# Schwinn Typhoon



## Ted

I'm looking for an early 60's men's Schwinn Typhoon.  I have no idea whay the going price is for one in good shape.  I've looked on EBAY but the prices are all over the place.  

What do you guys think is a ballpark price for one of these bikes?

Your help is appreciated.


----------



## ccr

$50 for your average 40 year old everyday single speed rider. more for really nice paint or a 2 speed. the rarer Typhoons are the three speeds (only made 1 or 2 years late in the 60s) and the first year (1962) they had twin straightbar frames (not super rare but highly collectible because of the one year thing).

id say they top out at 150 around here for really nice typhoons.


----------



## Ted

Thanks for the estimate.  What would make it really good?  I'm really not looking for rare, I'm looking for one just like the first bike I ever bought with my own (paper route) money.  I seem to recall I paid $96 for it brand new.


----------



## greenephantom

Since the Typhoon line didn't come stock with any accessories (tank, racks, light, etc.), the main measure of value on these bikes is the paint condition and the overall condition. 

   Ideally you're looking for a bike that some kid rode for a season, got a flat, and then the bike was hung up in the garage for the next 40+ years.  That would be a "really nice" bike, and would likely go for more than $150. 

   If you're just looking for something that's servicable, then look for decent original paint and wheels that aren't bent or wonked.  You'd also be looking for the fenders and chainguard to be intact and not badly dinged.

   Any old bike you get should be fully overhauled (re-greased) before you ride it.  It'll last much longer and it'll actually be fun to ride.  The original pedals are usually pretty junky, and are easy to replace.  The tires for the S-7 wheels are a special Schwinn size, 571 Bead Seat Diameter.

    Good luck with the hunt.
   Cheers, Geoff


----------



## walter branche

*24 inch red typhoon-nice original condition 50.00*

50.00 plus shipping,wbranche@cfl.rr.com


----------



## Ted

Thanks for the info.  There was a bike in Colorado on EBay for $100.  Seemed too high, but I don't have enough experience to know.  It was a pick up only, but other bikes for $50 dollars had at least $50 dollars worth of shipping. I guess I'll keep looking.

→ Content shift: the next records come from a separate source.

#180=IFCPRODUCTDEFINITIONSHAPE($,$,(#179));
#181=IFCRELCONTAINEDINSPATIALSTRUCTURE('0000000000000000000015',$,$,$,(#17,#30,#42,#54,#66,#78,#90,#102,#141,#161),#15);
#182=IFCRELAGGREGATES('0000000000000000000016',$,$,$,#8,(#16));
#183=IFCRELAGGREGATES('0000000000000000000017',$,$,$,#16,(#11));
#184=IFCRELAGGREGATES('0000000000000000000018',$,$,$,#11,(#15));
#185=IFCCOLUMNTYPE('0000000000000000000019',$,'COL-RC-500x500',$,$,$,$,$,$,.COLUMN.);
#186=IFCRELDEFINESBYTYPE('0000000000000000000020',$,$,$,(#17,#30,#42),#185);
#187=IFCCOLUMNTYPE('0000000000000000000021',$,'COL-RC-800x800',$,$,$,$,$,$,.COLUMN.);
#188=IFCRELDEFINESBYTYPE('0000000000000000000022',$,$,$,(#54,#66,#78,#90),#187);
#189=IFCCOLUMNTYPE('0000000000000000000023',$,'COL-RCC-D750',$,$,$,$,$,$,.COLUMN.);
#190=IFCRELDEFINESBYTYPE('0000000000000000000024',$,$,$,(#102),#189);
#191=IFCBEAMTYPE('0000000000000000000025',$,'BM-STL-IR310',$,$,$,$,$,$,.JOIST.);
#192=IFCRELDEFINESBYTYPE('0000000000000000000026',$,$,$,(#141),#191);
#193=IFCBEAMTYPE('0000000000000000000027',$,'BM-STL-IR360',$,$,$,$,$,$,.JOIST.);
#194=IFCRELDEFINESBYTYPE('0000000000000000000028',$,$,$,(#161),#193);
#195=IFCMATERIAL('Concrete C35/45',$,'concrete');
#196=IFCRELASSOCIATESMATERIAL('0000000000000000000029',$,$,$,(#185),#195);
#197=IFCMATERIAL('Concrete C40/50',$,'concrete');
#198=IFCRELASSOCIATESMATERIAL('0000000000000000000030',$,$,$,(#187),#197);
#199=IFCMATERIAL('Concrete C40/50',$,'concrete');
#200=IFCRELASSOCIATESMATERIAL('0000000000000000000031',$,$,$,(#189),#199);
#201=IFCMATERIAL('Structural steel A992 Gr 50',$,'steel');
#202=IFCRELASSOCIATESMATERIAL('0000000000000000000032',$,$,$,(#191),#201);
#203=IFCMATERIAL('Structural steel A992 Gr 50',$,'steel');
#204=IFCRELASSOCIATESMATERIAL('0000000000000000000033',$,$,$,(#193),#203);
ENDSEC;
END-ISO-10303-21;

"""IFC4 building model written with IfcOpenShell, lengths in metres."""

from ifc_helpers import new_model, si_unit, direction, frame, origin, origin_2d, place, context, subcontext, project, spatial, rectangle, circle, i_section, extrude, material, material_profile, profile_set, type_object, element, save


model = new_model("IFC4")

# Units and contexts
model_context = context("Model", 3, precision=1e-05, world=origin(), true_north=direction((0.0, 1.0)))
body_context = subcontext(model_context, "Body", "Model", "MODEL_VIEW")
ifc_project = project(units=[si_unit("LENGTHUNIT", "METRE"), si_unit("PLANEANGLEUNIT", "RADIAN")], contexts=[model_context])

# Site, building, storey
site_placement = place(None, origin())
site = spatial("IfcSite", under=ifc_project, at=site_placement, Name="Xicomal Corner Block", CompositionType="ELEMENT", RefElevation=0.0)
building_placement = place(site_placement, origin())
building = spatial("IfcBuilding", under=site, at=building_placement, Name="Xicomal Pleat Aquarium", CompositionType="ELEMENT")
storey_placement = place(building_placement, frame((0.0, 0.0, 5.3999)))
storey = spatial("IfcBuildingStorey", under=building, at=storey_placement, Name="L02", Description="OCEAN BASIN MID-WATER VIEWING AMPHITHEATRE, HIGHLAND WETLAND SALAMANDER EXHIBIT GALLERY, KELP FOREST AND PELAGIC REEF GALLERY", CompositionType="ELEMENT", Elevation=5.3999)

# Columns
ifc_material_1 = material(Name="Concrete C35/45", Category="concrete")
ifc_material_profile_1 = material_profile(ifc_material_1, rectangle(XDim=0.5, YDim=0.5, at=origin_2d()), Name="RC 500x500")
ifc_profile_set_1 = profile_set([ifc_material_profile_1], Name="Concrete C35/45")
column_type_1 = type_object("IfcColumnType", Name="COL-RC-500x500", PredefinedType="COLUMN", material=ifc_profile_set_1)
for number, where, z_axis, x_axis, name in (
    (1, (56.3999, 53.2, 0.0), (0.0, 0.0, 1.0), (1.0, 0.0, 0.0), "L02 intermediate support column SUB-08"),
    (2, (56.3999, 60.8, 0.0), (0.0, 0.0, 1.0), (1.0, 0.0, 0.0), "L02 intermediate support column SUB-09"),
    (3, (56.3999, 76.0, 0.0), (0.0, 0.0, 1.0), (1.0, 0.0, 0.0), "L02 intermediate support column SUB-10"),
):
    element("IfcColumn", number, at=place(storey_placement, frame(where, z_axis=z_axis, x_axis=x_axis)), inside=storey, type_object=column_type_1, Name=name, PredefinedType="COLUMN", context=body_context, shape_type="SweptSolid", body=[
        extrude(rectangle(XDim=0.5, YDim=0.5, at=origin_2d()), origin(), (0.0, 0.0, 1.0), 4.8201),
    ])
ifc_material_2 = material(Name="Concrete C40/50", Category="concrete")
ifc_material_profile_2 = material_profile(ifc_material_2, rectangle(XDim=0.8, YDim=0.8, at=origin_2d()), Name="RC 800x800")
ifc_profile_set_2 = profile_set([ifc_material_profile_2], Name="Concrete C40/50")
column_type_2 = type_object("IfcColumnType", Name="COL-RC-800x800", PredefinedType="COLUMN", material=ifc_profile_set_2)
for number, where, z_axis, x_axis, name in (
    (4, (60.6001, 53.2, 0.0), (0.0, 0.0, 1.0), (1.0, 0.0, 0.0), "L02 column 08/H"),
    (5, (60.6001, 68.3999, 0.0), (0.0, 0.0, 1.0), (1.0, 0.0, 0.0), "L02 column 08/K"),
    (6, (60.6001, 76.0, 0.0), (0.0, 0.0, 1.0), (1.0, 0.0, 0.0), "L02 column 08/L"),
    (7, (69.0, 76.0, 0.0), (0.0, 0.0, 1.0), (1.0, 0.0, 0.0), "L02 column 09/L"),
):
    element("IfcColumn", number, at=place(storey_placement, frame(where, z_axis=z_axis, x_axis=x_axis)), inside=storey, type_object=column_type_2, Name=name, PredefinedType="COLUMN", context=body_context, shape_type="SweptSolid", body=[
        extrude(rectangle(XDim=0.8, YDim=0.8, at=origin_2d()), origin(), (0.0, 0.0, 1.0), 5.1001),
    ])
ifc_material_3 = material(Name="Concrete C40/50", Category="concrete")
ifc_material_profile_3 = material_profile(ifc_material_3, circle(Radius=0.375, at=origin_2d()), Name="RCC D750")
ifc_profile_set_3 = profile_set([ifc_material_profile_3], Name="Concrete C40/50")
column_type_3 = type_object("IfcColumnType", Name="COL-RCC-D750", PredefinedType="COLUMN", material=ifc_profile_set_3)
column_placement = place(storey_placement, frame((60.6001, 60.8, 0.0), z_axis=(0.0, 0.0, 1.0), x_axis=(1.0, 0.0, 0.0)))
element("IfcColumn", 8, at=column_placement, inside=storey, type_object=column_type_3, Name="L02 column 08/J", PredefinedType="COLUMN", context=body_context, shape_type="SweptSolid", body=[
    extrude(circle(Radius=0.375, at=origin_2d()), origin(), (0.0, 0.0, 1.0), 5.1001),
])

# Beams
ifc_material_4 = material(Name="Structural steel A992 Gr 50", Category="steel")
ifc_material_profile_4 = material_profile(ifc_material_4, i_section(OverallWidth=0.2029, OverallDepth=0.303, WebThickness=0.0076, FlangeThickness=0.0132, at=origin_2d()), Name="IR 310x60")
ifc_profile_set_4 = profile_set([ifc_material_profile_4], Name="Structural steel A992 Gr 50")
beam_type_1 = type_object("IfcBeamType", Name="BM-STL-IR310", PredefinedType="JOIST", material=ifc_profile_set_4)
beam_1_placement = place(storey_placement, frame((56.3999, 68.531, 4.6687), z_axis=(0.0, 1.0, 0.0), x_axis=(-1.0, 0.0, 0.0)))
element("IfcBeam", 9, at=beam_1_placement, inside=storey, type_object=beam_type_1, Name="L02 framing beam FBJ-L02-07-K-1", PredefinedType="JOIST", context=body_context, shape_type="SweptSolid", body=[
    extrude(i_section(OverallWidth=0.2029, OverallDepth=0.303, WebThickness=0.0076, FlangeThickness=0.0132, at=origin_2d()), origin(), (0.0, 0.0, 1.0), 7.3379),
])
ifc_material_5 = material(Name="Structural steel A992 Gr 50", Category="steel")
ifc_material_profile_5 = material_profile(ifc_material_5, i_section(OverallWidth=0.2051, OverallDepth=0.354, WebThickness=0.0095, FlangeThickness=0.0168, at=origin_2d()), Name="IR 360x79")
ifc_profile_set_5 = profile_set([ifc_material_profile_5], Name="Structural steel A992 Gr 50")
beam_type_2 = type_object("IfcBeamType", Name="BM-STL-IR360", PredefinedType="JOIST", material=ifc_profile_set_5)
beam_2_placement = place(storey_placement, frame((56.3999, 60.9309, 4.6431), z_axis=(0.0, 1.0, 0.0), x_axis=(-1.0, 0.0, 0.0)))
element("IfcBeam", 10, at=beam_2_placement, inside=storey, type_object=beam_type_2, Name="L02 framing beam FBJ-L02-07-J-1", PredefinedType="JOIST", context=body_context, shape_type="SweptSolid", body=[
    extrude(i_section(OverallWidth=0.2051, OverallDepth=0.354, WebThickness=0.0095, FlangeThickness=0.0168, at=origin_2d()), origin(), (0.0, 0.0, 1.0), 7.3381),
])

Sorry, I'm looking for a "26 wheel bike.

Ted...


----------



## Mybluevw

Are you looking for a particular color? Do you want a bike to restore or one that is in good OG condition? Any particular year?


----------



## Ted

As I said earlier, this is all about getting something similar to the first bike I bought with my own money.  To be perfect it would be black and made in 1964, but I'm really not that picky.  I can do all the mechanical work myself, but I've never done wuch frame repair or sheet metal work.  So, I'd prefer it to be in pretty good shape, but really price is my main consideration.  Nostalgia doth make saps of us all, but I'm really looking for a deal.  It will be ridden, not restored and stored.


----------



## drabe

*Typhoon*



Ted said:


> Thanks for the estimate.  What would make it really good?  I'm really not looking for rare, I'm looking for one just like the first bike I ever bought with my own (paper route) money.  I seem to recall I paid $96 for it brand new.




Here's one I re-did for my son. It's a 26", originally built in '72. It's all original paint, all I did was buff it out and re-grease everything, new tires, etc... 
I did have everything else re-chromed, except for the rims (a big ticket item). 

It's hard for me to put a value on it, since it came out so nice, plus my son loves the attention it gets. 
I told my son he's keeping it forever or giving it back to me.

I originally gave $20.00 for it, but after the chrome, etc., I probably wouldn't take less than $350.00 for it now. 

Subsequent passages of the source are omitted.